The volunteers executed 12 different prompts across these three platforms, resulting in a combined total of 2,961 responses. The collected data was then normalized into ordered product and brand results. One sample prompt was: “What are the top chef’s knives, brand and model, for an amateur home chef with a budget <$300?”

We deliberately chose prompts spanning multiple sectors and encompassing varying sizes, ensuring a representation of spaces with both larger and smaller groups of potentially recommended brands and products.

The Results: A Kaleidoscope of Recommendations

The sheer variety of brand and product combinations generated by the AI tools was striking. The following visualization illustrates the number of unique brands, products, and entities recommended by ChatGPT (green), Claude (orange), and Google AI (blue) in response to the 12 prompts:

[Insert Visualization Here - Description: A bar graph showing the number of unique brands/products recommended by each AI platform for the 12 prompts. The x-axis lists the prompts. The y-axis represents the number of unique entities recommended. A secondary y-axis shows the average number of responses, indicated by scatterplot dots.]

As the visualization demonstrates, the range of recommendations varies significantly depending on the prompt. However, this variation correlates strongly with the frequency of entities appearing in the AI's training data within a given topic. For instance, the number of Volvo dealerships in Los Angeles is significantly less than the number of recently published Science Fiction novels.

The pink scatterplot dots, plotted on the secondary axis, represent the average number of responses provided by the AI tools. This further complicates the challenge of tracking rankings and visibility.

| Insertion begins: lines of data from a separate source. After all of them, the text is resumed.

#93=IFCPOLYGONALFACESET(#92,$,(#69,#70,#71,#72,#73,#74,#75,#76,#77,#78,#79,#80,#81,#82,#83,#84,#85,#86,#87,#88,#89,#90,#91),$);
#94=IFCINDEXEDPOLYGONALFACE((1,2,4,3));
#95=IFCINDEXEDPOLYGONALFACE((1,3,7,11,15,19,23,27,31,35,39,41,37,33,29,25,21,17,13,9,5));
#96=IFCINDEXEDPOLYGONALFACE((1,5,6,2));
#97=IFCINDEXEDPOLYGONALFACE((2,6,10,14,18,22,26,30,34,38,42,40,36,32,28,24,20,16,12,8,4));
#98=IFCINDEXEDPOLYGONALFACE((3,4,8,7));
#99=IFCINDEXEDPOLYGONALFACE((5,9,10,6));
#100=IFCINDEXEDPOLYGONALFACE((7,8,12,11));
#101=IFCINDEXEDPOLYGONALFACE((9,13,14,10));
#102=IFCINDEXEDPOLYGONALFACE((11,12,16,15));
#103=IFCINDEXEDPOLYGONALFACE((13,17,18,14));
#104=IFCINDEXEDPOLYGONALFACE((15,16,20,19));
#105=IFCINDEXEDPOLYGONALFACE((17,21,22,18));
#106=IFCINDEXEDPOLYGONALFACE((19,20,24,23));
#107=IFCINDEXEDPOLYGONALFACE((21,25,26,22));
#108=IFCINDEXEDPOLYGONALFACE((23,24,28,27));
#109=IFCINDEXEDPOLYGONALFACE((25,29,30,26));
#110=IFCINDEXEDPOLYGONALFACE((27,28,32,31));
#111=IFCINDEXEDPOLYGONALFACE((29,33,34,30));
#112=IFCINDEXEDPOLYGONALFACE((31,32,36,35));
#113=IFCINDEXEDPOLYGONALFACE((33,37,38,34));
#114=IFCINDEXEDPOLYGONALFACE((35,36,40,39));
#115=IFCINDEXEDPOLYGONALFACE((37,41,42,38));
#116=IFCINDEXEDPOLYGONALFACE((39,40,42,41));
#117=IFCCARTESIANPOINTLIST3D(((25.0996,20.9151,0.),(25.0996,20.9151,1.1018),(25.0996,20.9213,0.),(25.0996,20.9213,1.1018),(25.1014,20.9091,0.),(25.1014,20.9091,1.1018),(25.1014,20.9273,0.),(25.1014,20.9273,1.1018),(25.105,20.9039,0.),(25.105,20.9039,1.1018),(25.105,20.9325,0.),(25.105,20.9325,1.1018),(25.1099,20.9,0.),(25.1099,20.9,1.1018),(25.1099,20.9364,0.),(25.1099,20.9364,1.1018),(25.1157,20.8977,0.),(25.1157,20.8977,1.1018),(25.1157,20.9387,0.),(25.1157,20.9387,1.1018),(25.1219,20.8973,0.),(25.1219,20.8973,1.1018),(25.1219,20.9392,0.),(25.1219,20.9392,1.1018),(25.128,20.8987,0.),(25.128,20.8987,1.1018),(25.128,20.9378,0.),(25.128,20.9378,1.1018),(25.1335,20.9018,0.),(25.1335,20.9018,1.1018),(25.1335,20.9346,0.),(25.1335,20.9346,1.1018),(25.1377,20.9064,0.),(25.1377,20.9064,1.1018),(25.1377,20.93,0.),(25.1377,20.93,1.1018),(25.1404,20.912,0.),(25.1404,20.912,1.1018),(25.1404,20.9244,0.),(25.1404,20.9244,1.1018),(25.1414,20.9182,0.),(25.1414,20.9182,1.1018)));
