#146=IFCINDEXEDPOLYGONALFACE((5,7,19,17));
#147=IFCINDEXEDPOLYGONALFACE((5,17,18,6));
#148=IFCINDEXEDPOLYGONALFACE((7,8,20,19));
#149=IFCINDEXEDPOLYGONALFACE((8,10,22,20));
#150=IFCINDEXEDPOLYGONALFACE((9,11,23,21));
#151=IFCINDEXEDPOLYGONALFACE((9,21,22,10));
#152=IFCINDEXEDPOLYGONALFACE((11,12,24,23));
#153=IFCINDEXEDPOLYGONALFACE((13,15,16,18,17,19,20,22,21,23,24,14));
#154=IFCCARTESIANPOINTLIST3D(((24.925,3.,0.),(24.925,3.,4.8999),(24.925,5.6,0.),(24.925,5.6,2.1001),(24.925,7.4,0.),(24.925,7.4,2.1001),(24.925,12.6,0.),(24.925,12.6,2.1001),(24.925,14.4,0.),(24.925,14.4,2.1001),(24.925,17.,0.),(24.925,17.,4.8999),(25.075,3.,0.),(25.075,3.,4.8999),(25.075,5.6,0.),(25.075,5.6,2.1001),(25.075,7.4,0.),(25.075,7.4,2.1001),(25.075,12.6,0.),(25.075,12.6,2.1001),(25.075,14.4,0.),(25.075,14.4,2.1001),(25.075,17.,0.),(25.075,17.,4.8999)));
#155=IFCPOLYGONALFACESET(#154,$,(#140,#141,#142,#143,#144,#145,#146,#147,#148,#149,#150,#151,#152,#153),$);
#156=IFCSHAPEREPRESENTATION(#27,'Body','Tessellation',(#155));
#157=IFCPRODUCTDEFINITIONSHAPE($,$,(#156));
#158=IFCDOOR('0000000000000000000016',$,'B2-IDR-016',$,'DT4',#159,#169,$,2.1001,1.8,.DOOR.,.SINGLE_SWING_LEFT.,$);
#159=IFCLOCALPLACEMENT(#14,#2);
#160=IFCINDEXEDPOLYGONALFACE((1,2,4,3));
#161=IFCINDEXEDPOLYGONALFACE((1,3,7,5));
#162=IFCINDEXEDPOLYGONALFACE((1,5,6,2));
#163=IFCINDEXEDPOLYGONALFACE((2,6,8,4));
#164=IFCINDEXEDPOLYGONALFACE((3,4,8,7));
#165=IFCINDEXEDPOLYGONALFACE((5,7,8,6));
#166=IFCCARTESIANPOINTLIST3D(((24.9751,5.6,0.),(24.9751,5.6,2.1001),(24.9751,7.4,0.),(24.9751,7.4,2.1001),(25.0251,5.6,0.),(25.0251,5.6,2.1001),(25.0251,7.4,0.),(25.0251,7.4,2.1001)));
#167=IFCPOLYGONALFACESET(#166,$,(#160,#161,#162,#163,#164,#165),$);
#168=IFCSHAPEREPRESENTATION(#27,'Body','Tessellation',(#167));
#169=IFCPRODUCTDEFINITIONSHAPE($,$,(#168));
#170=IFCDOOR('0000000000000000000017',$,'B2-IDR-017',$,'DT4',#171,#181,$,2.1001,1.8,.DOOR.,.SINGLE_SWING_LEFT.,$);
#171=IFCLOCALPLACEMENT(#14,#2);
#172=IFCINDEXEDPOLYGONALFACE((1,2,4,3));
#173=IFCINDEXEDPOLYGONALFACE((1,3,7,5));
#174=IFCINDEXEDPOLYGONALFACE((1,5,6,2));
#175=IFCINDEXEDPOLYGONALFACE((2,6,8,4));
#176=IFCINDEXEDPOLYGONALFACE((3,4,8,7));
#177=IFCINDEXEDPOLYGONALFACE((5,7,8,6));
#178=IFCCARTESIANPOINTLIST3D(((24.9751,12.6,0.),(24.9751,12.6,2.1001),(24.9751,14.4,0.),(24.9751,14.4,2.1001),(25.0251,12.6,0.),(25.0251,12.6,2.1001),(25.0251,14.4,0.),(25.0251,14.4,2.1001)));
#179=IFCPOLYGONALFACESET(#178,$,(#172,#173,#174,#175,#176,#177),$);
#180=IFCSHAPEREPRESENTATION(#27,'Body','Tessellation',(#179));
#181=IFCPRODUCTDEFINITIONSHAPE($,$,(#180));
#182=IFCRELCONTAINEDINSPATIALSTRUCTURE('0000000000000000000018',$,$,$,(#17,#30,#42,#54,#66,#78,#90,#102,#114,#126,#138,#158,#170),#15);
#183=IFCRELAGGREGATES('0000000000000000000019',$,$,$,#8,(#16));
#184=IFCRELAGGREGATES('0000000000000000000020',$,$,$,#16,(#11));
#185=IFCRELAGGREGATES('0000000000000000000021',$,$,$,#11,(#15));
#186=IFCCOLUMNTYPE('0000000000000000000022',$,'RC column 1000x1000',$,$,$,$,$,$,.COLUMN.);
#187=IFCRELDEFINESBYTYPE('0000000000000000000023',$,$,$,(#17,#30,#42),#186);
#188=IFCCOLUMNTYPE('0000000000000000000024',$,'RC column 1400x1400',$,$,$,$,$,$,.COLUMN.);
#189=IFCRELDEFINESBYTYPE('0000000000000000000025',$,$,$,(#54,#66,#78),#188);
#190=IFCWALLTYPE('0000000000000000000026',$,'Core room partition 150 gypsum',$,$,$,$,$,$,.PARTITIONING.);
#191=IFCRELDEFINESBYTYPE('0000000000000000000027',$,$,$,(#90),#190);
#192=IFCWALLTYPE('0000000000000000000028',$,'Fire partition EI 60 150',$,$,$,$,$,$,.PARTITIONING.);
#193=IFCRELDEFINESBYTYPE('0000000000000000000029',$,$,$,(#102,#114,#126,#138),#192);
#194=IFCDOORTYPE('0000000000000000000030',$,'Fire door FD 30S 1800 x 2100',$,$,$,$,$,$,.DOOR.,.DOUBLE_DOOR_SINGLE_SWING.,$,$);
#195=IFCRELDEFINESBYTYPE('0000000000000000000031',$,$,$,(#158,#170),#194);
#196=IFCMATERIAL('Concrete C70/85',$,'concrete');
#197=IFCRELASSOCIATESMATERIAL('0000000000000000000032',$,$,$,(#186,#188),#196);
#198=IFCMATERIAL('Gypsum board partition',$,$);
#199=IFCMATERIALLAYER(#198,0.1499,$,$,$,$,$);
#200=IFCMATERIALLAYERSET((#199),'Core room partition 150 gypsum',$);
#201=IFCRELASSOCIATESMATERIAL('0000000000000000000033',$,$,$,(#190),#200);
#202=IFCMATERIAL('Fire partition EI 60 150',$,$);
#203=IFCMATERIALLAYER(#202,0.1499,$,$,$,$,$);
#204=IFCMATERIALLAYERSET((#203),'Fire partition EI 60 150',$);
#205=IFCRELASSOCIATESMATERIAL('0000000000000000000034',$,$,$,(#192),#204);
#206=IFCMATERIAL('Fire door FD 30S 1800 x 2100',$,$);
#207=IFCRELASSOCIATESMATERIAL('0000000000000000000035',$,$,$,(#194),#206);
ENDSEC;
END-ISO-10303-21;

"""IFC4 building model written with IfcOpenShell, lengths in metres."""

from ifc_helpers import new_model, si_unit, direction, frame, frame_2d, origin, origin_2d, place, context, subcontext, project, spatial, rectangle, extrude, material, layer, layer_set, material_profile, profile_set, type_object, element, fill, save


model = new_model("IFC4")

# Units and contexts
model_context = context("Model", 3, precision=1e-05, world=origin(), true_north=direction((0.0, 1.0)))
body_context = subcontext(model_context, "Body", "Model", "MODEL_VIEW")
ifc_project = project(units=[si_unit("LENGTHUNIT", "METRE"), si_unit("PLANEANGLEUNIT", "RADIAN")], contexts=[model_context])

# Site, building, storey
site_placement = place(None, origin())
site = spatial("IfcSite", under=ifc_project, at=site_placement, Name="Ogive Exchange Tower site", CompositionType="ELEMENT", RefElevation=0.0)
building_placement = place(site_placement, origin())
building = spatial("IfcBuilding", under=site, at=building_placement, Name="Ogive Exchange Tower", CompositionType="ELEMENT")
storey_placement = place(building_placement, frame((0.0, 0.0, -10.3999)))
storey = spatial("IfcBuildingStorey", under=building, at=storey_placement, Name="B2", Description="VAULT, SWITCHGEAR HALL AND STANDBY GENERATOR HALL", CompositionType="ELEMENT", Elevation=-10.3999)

Inconsistency Reigns Supreme

Our analysis revealed a stark reality: if you ask an AI tool for brand or product recommendations multiple times, nearly every response will be unique. This inconsistency manifests in three key ways: the specific brands/products recommended, the order in which they are listed, and the accompanying descriptions or sentiment expressed.

Quantifying this inconsistency, our data shows that ChatGPT or Google AI, when prompted 100 times, have less than a 1% chance of producing the same list of brands in any two responses. Claude exhibits slightly more consistency, but even then, the likelihood of generating the same list twice in 100 runs remains low.

Furthermore, the ordering of recommendations is even more random. You would need to run the same prompt approximately 1,000 times to observe two lists in the same order. And we didn't even try to analyze the variance in how the AIs describe the recommendations or how positive/negative the sentiment was.

The Verdict: Proceed with Caution

The bottom line is clear: AI tools do not provide consistent lists of brand or product recommendations. This inconsistency raises serious concerns about the validity of using these tools for tracking brand visibility and informing marketing strategies.

If your brand doesn't appear where you want it to, simply asking the AI tool a few more times might yield a different result. This inherent randomness presents a challenge for marketers seeking reliable and consistent insights.

As I mentioned on Gaetano DiNardi’s LinkedIn post, AI visibility "experts" could easily exploit this inconsistency. Just as unethical SEO practitioners did in the past, manipulating AI prompts to achieve desired outcomes is a real possibility. This raises ethical concerns and underscores the need for transparency and critical evaluation of AI-driven visibility metrics.

Moving Forward: A Call for Rigor

Our research highlights the need for a more rigorous approach to evaluating and utilizing AI SEO tools. Before investing heavily in these technologies, businesses must demand evidence of their consistency and reliability.

Further research is needed to explore the factors that influence AI recommendation variability and to develop methodologies for mitigating its impact. Until then, proceed with caution and critically evaluate the results generated by AI SEO tools. The allure of AI-powered insights is strong, but it's crucial to discern between genuine value and mere noise.